Alongside the rise of LLMs there has been an effort to make use of Vectors in search, with Elasticsearch, OpenSearch, MongoDB and now Solr all providing a vector field type. This allows a similarity search (often based on the K nearest neighbours’ algorithm but could be cosine similarity or Euclidean distance).  This is all still relatively new however, and so there are some shortcomings that are still being ironed out:  

  1. Size limitations: There is a limit to the number of input tokens.  This varies per model but is somewhere between 500 & 8000 usually, but GPT4 can optionally have a 32k prompt.    

  2. Pricing: Using an API based model such as GPT and its relatives can become expensive at search engine scale as it is metered per token.  

  3. Combination with keywords: Vector search optimises for recall not precision which is not always preferable and so ways of combining it with keyword search are still being rolled out.  Note: Pureinsights at this time would recommend that any given Vector search system deployed would ideally be based on a search engine implementation of keyword search AND vector search co-joined.
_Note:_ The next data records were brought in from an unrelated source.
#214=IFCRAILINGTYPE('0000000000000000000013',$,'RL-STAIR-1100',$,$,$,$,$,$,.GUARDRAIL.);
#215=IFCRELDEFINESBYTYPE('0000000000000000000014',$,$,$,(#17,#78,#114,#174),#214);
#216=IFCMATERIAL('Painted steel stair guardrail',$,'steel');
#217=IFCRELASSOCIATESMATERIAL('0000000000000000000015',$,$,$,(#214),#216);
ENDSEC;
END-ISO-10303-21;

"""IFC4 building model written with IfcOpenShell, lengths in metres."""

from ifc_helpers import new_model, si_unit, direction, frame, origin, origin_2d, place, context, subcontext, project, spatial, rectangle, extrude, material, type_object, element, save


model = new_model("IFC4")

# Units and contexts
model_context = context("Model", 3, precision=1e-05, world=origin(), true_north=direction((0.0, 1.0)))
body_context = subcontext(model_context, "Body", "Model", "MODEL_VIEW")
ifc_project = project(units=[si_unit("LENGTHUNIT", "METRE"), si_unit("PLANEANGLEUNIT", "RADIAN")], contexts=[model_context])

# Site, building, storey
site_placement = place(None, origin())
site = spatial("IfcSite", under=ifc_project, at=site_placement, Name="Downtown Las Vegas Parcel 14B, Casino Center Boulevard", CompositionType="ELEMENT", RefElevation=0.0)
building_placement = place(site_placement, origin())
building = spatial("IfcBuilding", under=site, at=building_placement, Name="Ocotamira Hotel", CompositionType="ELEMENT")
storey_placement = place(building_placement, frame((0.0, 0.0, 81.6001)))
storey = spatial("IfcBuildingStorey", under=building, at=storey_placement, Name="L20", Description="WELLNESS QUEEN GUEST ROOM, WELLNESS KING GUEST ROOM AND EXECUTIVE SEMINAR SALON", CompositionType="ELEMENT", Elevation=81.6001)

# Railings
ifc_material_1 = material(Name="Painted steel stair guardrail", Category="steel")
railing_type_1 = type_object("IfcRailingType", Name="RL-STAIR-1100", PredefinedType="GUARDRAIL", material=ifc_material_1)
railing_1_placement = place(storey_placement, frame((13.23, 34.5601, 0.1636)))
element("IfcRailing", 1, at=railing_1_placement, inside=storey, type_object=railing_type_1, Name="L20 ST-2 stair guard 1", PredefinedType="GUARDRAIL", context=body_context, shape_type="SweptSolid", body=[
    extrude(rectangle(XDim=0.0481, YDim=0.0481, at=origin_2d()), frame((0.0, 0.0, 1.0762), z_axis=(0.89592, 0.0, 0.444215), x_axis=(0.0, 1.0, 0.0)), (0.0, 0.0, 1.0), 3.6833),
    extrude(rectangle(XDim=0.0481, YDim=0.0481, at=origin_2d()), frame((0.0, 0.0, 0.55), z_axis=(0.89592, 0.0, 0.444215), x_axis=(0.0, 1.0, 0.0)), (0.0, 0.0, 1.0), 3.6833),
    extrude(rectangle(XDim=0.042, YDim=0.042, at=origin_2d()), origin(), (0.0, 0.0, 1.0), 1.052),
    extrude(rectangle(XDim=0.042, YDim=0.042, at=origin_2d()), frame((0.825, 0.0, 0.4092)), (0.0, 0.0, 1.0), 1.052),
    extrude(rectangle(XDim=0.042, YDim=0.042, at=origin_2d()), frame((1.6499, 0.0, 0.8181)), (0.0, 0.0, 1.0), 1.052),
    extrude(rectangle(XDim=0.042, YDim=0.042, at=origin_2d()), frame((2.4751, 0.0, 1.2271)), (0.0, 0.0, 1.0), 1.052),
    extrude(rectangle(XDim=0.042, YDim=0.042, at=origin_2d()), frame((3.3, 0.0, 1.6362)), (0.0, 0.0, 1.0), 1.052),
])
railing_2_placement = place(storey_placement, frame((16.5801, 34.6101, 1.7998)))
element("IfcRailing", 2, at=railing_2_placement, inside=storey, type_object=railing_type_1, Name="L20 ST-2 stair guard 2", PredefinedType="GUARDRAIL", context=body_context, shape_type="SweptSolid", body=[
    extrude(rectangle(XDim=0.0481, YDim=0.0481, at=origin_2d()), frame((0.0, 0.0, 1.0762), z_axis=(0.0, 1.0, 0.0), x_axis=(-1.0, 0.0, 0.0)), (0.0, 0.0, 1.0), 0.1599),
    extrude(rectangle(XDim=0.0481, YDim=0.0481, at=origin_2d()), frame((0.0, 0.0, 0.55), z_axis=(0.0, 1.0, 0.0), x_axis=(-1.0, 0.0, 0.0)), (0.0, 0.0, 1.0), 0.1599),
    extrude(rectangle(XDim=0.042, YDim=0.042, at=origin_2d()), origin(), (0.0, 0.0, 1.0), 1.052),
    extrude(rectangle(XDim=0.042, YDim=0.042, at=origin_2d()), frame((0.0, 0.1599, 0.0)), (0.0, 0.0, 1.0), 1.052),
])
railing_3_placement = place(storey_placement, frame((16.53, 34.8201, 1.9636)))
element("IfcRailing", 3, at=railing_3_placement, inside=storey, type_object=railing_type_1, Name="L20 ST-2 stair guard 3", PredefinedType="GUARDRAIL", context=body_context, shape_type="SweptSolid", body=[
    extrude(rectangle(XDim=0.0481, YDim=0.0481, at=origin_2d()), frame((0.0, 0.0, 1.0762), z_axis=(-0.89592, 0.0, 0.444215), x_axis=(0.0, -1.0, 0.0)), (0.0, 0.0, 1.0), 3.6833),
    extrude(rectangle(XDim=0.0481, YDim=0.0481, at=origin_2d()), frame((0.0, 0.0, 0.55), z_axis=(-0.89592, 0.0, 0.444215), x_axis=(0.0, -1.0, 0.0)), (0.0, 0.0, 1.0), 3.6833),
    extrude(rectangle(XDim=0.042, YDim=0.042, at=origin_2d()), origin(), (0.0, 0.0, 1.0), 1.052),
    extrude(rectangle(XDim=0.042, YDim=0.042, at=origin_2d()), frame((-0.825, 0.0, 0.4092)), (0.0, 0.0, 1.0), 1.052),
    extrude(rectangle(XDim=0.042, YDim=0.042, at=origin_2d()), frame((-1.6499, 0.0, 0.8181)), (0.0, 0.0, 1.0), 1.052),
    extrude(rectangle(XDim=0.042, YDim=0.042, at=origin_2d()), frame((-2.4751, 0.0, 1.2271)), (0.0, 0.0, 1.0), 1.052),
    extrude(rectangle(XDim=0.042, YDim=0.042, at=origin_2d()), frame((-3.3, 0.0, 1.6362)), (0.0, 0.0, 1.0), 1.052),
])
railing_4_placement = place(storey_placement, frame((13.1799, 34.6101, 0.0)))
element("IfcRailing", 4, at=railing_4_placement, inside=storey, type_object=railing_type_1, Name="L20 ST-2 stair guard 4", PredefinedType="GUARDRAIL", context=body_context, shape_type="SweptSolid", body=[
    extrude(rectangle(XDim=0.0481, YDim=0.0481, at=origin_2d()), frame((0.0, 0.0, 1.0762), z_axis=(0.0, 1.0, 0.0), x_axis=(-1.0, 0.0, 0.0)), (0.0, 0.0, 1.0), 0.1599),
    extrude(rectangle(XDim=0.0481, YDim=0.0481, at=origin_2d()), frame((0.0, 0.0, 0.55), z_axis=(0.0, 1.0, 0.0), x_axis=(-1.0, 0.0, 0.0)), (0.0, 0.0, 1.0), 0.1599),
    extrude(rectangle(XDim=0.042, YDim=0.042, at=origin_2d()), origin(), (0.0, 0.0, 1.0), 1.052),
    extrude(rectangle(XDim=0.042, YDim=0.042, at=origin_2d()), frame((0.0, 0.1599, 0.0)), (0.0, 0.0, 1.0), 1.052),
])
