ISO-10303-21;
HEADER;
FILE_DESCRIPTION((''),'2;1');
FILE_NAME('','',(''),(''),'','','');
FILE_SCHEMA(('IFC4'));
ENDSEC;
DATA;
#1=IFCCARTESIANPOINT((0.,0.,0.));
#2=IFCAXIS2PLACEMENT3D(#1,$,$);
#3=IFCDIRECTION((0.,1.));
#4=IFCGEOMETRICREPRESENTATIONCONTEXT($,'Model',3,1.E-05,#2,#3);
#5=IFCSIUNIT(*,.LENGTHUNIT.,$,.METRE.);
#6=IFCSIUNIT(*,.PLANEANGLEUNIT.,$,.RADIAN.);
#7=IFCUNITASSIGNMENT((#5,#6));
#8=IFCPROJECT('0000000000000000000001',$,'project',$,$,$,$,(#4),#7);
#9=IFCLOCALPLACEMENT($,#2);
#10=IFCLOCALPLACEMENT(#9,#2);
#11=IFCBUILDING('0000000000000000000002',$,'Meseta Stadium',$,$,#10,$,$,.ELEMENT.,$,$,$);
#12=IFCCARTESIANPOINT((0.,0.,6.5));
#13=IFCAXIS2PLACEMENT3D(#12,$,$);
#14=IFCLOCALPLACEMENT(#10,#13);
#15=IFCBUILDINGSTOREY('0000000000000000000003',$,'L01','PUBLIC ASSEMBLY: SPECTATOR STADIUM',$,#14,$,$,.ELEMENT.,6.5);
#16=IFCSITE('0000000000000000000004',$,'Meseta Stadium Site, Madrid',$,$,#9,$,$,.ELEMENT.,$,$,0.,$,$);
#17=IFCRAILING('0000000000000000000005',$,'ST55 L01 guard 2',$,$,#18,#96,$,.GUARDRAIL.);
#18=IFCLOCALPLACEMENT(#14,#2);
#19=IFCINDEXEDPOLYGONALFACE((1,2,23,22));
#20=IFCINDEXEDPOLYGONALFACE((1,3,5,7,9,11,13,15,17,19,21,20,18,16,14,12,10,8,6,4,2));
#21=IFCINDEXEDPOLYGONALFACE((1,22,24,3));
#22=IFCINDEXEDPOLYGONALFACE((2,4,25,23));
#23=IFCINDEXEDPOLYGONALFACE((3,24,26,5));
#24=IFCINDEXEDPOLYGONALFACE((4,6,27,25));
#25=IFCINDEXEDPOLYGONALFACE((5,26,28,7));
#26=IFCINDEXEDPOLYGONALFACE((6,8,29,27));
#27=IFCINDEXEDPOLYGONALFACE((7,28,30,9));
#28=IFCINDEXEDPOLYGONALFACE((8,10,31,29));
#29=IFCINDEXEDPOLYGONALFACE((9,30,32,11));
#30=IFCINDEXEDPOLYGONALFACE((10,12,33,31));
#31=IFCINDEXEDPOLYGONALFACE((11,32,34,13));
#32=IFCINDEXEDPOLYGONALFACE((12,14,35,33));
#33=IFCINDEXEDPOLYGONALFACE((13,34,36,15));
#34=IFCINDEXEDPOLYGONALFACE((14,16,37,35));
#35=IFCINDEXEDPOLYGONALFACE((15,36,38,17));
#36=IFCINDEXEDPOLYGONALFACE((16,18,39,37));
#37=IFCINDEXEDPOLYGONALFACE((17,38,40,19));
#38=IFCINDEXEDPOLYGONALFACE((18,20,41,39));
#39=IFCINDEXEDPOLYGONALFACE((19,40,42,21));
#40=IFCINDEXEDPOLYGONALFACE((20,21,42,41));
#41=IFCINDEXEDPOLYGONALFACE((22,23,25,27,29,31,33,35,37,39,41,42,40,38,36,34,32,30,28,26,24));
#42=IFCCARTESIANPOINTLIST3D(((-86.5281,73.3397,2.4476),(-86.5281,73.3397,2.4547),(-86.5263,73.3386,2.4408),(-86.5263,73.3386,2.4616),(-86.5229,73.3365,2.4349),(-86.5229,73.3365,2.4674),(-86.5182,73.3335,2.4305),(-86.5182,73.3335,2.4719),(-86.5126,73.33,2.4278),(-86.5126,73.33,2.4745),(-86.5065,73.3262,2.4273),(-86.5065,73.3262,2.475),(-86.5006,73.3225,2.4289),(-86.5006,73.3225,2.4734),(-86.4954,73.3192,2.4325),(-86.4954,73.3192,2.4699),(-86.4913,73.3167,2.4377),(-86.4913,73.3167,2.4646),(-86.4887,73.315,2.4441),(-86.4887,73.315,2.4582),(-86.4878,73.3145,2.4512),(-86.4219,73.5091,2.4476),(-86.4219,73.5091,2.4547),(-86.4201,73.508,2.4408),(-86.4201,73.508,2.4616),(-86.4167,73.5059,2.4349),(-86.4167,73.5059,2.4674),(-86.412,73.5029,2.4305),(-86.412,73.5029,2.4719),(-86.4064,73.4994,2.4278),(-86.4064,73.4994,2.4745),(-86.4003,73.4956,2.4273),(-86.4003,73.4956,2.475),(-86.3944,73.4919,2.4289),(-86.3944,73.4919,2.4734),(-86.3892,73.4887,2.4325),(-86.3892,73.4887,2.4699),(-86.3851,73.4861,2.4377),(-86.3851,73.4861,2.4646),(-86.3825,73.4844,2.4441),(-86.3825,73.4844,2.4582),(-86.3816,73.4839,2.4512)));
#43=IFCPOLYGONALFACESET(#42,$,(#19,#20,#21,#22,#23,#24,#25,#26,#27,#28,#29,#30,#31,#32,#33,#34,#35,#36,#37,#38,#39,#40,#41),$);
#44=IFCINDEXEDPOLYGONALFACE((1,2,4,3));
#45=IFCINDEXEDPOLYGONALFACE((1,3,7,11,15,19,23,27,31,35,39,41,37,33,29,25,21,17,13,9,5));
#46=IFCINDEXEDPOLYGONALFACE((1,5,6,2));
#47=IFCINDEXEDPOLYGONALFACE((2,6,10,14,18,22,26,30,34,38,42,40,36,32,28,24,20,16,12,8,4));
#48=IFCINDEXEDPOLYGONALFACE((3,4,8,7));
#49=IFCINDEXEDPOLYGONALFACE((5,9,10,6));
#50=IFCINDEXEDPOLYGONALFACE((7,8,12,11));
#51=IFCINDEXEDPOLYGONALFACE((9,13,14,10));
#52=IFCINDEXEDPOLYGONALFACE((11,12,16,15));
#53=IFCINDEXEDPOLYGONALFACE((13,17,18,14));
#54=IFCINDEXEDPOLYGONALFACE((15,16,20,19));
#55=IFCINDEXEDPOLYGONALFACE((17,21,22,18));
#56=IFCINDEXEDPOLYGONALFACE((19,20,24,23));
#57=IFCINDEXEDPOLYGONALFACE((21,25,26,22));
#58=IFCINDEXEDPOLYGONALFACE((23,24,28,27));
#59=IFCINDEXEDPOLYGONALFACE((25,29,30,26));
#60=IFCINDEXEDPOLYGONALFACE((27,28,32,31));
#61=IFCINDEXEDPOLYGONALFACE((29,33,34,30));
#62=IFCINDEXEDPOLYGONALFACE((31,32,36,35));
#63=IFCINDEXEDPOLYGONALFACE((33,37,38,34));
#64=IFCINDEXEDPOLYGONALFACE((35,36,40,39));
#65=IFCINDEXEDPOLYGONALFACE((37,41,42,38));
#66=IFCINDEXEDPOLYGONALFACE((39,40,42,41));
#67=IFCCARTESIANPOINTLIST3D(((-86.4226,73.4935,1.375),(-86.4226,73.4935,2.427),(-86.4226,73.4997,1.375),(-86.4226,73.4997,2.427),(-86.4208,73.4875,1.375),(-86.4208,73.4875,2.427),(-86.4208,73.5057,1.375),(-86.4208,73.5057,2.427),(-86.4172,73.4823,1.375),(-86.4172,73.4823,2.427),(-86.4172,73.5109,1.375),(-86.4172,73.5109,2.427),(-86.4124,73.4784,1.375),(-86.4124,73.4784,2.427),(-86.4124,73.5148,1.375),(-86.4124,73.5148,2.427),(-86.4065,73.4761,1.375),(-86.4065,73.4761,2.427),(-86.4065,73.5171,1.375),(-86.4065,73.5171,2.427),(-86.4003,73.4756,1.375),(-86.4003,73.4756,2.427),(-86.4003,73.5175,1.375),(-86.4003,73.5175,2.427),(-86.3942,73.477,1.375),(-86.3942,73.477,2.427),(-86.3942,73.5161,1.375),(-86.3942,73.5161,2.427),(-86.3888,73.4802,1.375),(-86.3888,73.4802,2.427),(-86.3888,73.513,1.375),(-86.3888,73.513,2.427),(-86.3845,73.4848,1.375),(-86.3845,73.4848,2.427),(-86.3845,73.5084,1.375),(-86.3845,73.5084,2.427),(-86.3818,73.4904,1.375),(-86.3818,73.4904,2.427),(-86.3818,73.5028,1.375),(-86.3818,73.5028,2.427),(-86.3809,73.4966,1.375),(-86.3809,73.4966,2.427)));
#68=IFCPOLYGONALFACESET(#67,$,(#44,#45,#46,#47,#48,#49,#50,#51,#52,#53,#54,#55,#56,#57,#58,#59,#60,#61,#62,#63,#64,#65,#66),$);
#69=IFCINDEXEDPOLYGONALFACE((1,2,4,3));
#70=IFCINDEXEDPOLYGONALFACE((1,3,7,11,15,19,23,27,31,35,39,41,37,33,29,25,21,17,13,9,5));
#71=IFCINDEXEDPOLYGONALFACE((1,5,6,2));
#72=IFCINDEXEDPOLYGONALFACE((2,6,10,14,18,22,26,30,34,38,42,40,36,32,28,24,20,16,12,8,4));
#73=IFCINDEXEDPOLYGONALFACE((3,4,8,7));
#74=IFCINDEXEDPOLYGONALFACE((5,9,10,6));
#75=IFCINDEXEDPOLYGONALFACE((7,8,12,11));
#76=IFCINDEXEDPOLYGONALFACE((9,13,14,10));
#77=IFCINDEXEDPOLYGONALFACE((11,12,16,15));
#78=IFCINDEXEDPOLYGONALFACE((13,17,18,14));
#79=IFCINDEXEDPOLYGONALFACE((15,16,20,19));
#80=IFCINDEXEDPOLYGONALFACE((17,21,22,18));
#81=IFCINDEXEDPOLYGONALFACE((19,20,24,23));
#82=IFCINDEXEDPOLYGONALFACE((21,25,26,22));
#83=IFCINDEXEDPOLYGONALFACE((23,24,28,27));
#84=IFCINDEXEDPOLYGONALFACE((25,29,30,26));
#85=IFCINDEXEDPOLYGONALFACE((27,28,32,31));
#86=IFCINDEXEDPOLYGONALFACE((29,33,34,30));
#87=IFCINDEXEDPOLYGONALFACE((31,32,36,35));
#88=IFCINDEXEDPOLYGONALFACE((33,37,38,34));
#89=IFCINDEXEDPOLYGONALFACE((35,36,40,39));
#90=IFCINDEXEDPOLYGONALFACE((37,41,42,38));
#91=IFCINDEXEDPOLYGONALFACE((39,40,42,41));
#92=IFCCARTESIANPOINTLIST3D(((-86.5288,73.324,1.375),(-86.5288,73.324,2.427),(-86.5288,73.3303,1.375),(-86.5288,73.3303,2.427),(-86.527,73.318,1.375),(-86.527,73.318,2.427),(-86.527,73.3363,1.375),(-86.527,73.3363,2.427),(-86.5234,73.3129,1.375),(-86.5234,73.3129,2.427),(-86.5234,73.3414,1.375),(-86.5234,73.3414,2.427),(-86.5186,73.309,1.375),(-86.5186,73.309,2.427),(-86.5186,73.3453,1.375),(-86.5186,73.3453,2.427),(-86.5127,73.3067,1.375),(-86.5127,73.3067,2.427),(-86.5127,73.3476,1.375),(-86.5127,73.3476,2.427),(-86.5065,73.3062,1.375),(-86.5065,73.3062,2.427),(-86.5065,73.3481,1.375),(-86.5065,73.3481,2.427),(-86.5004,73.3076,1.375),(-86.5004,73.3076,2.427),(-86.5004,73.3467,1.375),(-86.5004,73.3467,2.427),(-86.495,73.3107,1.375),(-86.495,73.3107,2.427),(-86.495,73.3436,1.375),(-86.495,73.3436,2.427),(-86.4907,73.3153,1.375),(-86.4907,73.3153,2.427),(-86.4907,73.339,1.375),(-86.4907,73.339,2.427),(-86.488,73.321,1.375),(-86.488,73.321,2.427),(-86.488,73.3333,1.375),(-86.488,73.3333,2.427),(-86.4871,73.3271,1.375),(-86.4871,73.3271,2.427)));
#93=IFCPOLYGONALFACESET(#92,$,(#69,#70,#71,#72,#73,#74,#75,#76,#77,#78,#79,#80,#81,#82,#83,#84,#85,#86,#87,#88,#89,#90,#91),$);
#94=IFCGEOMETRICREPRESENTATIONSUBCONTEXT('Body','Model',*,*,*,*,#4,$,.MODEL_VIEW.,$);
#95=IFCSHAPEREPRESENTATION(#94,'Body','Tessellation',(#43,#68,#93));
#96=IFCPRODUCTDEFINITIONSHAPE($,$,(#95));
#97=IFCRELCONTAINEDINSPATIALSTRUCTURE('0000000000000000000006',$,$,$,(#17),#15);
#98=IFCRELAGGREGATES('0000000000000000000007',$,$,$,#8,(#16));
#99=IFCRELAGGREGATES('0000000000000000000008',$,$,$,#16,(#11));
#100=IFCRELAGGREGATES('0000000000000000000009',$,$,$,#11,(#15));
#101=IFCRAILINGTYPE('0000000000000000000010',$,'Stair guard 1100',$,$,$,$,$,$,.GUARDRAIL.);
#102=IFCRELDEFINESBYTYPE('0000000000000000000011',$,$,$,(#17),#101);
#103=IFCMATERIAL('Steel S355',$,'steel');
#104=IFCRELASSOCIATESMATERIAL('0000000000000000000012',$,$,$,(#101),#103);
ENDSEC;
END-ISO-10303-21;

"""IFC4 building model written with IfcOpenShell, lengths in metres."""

from ifc_helpers import new_model, si_unit, direction, frame, origin, origin_2d, place, context, subcontext, project, spatial, circle, extrude, material, type_object, element, save


model = new_model("IFC4")

# Units and contexts
model_context = context("Model", 3, precision=1e-05, world=origin(), true_north=direction((0.0, 1.0)))
body_context = subcontext(model_context, "Body", "Model", "MODEL_VIEW")
ifc_project = project(units=[si_unit("LENGTHUNIT", "METRE"), si_unit("PLANEANGLEUNIT", "RADIAN")], contexts=[model_context])

# Site, building, storey
site_placement = place(None, origin())
site = spatial("IfcSite", under=ifc_project, at=site_placement, Name="Meseta Stadium Site, Madrid", CompositionType="ELEMENT", RefElevation=0.0)
building_placement = place(site_placement, origin())
building = spatial("IfcBuilding", under=site, at=building_placement, Name="Meseta Stadium", CompositionType="ELEMENT")
storey_placement = place(building_placement, frame((0.0, 0.0, 6.5)))
storey = spatial("IfcBuildingStorey", under=building, at=storey_placement, Name="L01", Description="PUBLIC ASSEMBLY: SPECTATOR STADIUM", CompositionType="ELEMENT", Elevation=6.5)

# Railing
ifc_material_1 = material(Name="Steel S355", Category="steel")
railing_type_1 = type_object("IfcRailingType", Name="Stair guard 1100", PredefinedType="GUARDRAIL", material=ifc_material_1)
railing_1_placement = place(storey_placement, frame((-86.4019, 73.4966, 1.375)))
element("IfcRailing", 1, at=railing_1_placement, inside=storey, type_object=railing_type_1, Name="ST55 L01 guard 2", PredefinedType="GUARDRAIL", context=body_context, shape_type="SweptSolid", body=[
    extrude(circle(Radius=0.0239, at=origin_2d()), frame((0.0, 0.0, 1.0762), z_axis=(-0.531096, -0.847312, 0.0), x_axis=(0.847312, -0.531096, 0.0)), (0.0, 0.0, 1.0), 0.2),
    extrude(circle(Radius=0.021, at=origin_2d()), origin(), (0.0, 0.0, 1.0), 1.052),
    extrude(circle(Radius=0.021, at=origin_2d()), frame((-0.1062, -0.1694, 0.0)), (0.0, 0.0, 1.0), 1.052),
])

save(model, "model.ifc")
There are several options on the market now where dedicated vector search systems are popping up. Whilst these may have compelling demonstrations and features, they have not had the level of diligence put on their keyword search capabilities. This leaves them sub-par when it comes to performing blended vector search and keyword search operations together.  We strongly believe that the search engine teams will ultimately win this battle technically. It is also suboptimal (in terms of synchronization and storage costs) to pass content to a search engine for keyword searches and a separate vector search database for vector operations by storing the same content twice in two distinct locations. 

Using Vector Search to answer questions 

To use vector search to answer questions it is first necessary to chunk and ingest the data into a vector store.  This could be a search engine or a dedicated vector database.  

Then there are three ways to answer questions driven by Vector search:  

  1. Extractive Answers:  

    1. Perform a vector-based similarity search to find a candidate text chunks  

    2. Use a model such as DistilBERT to identify the best answer to the question in some candidate chunks  

    3. Evaluate confidence that the answer has been answered correctly  

    4. Show the snippet to the end user  

  2. Knowledge Graph questions and answers:  

    1. Identify entities in the question  

    2. Vectorize the query and match it to known ways of querying a database or Knowledge graph  

    3. Insert the entities as parameters to the known query  

    4. Return the answer  

  3. Retrieval Augmented Generation:  

    1.  Perform a vector-based similarity search to find a candidate text chunks  

    2. Use a model such as GPT to prompt it to find the best answer to the question in some candidate chunks.  

    3. Evaluate confidence that the answer has been answered correctly.  

    4. Show the model response to the end user. 

 Discovery AI Processors 

  • BERT Service Processor – uses BERT to vectorize chunks of text. BERT is Google’s open-source, transformer-based machine learning technique for natural language processing (NLP) 

  • Huggingface Model runner – exposes a variety of models to perform AI and NLP tasks such as question answering (summarizing and sentiment analysis are also possible). 

  • OpenAI – uses OpenAI to vectorize chunks of text. 

  • Google Vertex AI – On customer demand 

  • AWS AI Services – On customer demand 

 Discovery can easily incorporate more basic and advanced AI-driven content processors as the state of the art improves.